Efficient very high-order accurate polyhedral mesh finite volume scheme for 3D conjugate heat transfer problems in curved domains

Abstract

The conjugate heat transfer problem is found in many engineering applications and comprises the heat transfer between solids and fluids in contact. The discretization method of these problems must guarantee that the interface conditions are properly satisfied, which is an additional difficulty when designing a numerical scheme with very high-order of convergence. The three-dimensional case with arbitrary curved domains is particularly challenging to treat, as the standard approaches to preserve the optimal convergence order become cumbersome with the use of curved meshes and non-linear transformations. Moreover, the implementation aspects of very high-order of convergence methods are critical for the three-dimensional case, as the computational cost of conventional algorithms often grows exponentially with the problem dimension.

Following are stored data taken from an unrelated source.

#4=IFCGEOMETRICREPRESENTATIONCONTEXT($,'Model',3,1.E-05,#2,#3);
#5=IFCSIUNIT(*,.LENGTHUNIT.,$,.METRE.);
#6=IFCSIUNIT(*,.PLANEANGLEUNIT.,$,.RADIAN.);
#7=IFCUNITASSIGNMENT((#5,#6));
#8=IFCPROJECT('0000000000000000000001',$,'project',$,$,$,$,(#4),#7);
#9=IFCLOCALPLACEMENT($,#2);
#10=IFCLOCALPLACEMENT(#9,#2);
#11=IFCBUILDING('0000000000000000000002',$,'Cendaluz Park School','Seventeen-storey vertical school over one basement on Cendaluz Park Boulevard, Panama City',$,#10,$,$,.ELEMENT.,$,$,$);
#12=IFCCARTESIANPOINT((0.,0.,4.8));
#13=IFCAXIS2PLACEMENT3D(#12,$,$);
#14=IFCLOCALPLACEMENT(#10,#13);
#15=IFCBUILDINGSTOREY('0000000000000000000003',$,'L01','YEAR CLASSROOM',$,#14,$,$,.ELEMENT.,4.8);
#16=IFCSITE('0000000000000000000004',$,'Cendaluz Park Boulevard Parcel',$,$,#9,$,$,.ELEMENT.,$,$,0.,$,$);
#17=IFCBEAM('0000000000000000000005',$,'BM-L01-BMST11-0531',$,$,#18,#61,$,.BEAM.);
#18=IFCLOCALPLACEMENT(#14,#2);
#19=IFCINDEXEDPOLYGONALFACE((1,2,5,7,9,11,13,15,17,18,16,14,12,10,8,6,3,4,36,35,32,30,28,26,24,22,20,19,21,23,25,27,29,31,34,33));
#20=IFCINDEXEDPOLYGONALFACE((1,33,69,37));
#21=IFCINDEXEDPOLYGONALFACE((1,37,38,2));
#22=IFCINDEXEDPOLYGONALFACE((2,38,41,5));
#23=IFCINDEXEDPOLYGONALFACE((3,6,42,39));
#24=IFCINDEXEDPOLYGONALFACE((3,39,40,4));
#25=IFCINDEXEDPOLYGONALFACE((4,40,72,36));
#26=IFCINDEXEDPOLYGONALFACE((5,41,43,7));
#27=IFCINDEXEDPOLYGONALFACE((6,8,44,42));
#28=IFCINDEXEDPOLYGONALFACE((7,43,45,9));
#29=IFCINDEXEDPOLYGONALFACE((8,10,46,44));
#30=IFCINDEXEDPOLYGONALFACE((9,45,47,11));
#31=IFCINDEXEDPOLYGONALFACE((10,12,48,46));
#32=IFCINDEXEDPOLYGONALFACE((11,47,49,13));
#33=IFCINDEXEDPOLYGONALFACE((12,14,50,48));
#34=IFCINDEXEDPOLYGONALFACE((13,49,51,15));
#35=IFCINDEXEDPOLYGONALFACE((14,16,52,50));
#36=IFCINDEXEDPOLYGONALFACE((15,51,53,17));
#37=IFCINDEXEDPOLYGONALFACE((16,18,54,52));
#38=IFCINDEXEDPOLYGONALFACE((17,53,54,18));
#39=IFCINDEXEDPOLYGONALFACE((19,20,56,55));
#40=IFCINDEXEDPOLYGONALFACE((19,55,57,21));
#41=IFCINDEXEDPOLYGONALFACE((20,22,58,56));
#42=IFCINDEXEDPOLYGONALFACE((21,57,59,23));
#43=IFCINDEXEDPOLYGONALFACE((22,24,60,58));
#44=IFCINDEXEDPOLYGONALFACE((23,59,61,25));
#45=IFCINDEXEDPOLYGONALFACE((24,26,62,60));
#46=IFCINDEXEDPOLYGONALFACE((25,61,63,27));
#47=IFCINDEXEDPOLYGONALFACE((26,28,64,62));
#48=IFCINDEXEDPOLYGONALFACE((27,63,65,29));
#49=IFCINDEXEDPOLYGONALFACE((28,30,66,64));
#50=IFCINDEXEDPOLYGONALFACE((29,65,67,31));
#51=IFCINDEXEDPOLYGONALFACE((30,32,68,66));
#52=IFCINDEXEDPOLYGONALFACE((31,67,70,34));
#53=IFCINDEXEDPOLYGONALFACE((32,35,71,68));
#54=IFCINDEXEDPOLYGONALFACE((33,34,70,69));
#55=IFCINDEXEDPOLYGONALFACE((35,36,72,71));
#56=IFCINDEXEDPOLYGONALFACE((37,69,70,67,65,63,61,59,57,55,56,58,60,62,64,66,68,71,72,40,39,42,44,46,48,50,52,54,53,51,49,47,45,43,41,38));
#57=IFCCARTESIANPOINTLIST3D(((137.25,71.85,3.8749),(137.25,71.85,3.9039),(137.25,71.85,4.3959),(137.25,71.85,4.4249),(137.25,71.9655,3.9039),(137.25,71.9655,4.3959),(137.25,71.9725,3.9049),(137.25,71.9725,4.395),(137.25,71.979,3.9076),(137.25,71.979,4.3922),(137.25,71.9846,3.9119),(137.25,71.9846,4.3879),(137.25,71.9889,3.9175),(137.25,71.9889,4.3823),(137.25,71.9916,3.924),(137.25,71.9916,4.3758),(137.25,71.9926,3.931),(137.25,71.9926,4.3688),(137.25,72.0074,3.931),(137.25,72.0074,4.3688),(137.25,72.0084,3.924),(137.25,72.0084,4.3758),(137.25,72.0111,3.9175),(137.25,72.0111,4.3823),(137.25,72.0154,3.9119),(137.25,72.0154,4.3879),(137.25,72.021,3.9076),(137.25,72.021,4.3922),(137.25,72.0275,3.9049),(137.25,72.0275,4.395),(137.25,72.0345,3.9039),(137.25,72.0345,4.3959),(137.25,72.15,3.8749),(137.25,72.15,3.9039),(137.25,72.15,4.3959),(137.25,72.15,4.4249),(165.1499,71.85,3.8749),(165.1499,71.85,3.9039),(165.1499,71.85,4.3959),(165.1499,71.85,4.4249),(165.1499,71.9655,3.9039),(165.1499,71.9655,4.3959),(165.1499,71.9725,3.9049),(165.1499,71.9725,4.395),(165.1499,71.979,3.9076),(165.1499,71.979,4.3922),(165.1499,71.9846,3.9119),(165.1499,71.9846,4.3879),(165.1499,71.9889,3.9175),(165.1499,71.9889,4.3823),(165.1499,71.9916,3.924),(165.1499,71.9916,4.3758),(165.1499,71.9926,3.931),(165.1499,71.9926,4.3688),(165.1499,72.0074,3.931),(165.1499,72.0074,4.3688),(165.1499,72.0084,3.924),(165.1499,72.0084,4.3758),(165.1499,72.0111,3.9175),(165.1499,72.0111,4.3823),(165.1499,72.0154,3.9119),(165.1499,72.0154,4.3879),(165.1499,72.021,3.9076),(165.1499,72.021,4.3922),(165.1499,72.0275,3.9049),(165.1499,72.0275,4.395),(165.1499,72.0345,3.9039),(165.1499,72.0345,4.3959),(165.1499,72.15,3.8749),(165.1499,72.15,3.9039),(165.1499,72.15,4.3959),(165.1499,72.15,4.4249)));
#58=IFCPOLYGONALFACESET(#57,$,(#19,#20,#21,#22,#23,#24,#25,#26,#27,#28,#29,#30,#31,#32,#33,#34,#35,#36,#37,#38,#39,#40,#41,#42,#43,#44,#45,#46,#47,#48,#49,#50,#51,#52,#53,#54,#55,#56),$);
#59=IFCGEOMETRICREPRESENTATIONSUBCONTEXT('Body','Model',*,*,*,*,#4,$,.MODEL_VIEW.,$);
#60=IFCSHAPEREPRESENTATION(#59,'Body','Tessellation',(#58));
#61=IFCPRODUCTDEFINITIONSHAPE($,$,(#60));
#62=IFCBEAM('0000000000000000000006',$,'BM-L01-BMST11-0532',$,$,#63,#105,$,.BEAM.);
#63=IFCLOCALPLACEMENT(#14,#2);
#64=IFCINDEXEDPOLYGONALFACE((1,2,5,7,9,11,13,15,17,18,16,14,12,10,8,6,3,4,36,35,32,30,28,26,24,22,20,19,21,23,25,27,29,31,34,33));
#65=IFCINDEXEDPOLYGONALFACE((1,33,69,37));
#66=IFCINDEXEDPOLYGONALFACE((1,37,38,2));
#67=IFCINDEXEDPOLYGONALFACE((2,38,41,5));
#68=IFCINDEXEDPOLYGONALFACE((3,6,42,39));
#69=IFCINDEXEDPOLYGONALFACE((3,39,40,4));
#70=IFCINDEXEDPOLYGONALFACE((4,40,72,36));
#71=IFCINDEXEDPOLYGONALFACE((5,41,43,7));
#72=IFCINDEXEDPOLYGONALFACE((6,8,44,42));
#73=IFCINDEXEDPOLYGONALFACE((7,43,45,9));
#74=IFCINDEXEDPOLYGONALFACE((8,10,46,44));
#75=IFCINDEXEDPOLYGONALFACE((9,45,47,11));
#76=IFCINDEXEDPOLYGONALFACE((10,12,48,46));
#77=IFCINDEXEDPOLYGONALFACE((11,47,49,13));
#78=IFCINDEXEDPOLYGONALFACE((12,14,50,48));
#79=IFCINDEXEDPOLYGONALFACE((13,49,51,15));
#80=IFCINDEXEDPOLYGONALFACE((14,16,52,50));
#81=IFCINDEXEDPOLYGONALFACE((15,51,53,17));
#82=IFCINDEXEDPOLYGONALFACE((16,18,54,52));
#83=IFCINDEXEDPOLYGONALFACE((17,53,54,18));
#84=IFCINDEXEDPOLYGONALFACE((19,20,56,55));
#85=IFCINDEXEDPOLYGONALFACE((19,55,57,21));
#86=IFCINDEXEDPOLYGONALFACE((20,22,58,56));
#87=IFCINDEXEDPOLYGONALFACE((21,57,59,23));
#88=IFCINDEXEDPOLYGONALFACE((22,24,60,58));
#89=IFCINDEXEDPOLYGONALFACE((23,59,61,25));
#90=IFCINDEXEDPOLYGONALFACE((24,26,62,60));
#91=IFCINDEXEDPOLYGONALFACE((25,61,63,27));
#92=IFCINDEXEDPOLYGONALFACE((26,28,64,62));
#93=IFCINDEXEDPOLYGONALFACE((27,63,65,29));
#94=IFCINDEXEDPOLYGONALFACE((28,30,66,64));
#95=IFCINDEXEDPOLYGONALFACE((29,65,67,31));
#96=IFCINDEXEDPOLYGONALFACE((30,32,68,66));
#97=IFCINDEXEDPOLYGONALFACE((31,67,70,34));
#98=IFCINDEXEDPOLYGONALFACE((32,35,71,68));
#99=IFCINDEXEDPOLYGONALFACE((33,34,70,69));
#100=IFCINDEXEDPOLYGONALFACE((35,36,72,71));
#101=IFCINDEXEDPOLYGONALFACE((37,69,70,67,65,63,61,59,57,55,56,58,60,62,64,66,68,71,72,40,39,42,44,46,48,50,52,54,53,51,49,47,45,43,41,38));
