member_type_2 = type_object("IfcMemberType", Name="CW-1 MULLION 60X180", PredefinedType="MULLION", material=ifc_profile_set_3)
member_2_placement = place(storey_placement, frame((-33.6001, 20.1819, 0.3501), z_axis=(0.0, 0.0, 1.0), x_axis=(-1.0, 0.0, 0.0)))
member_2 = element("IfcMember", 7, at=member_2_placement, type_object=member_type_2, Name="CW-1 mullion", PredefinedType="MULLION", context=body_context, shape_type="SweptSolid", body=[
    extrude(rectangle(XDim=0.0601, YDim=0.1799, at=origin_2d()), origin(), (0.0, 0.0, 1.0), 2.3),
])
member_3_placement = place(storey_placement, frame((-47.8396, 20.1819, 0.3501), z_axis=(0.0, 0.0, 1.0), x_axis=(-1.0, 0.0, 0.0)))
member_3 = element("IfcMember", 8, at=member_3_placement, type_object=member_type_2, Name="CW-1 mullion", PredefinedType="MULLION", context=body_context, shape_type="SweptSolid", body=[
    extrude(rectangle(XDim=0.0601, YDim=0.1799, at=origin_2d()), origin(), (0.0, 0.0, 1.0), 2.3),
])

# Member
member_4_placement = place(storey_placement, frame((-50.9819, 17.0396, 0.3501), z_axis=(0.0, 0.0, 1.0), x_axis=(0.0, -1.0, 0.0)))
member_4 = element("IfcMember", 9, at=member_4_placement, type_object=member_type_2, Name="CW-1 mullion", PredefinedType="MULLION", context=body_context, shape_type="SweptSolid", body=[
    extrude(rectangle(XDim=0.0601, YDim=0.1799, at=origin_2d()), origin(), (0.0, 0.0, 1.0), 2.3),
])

A very high-order accurate finite volume scheme with general polyhedral meshes is proposed in this work, which is able to solve three-dimensional conjugate heat transfer problems in arbitrary curved domains. The implementation of the proposed method is addressed and optimized calculations are derived to provide the same approximate solution at a significantly reduced computational cost. The provided set of numerical benchmarks, addressing several situations of the conjugate heat transfer problem, allows confirming that the optimal convergence order is effectively achieved. The results obtained also show that the proposed method overcomes the main shortcomings of the standard curved mesh approaches, while preserving the accuracy and the convergence order with the sole use of polyhedral meshes. A computational benchmark proves that substantial performance improvements are obtained from the proposed optimization, which represents a significant advance towards less demanding and more efficient numerical simulations.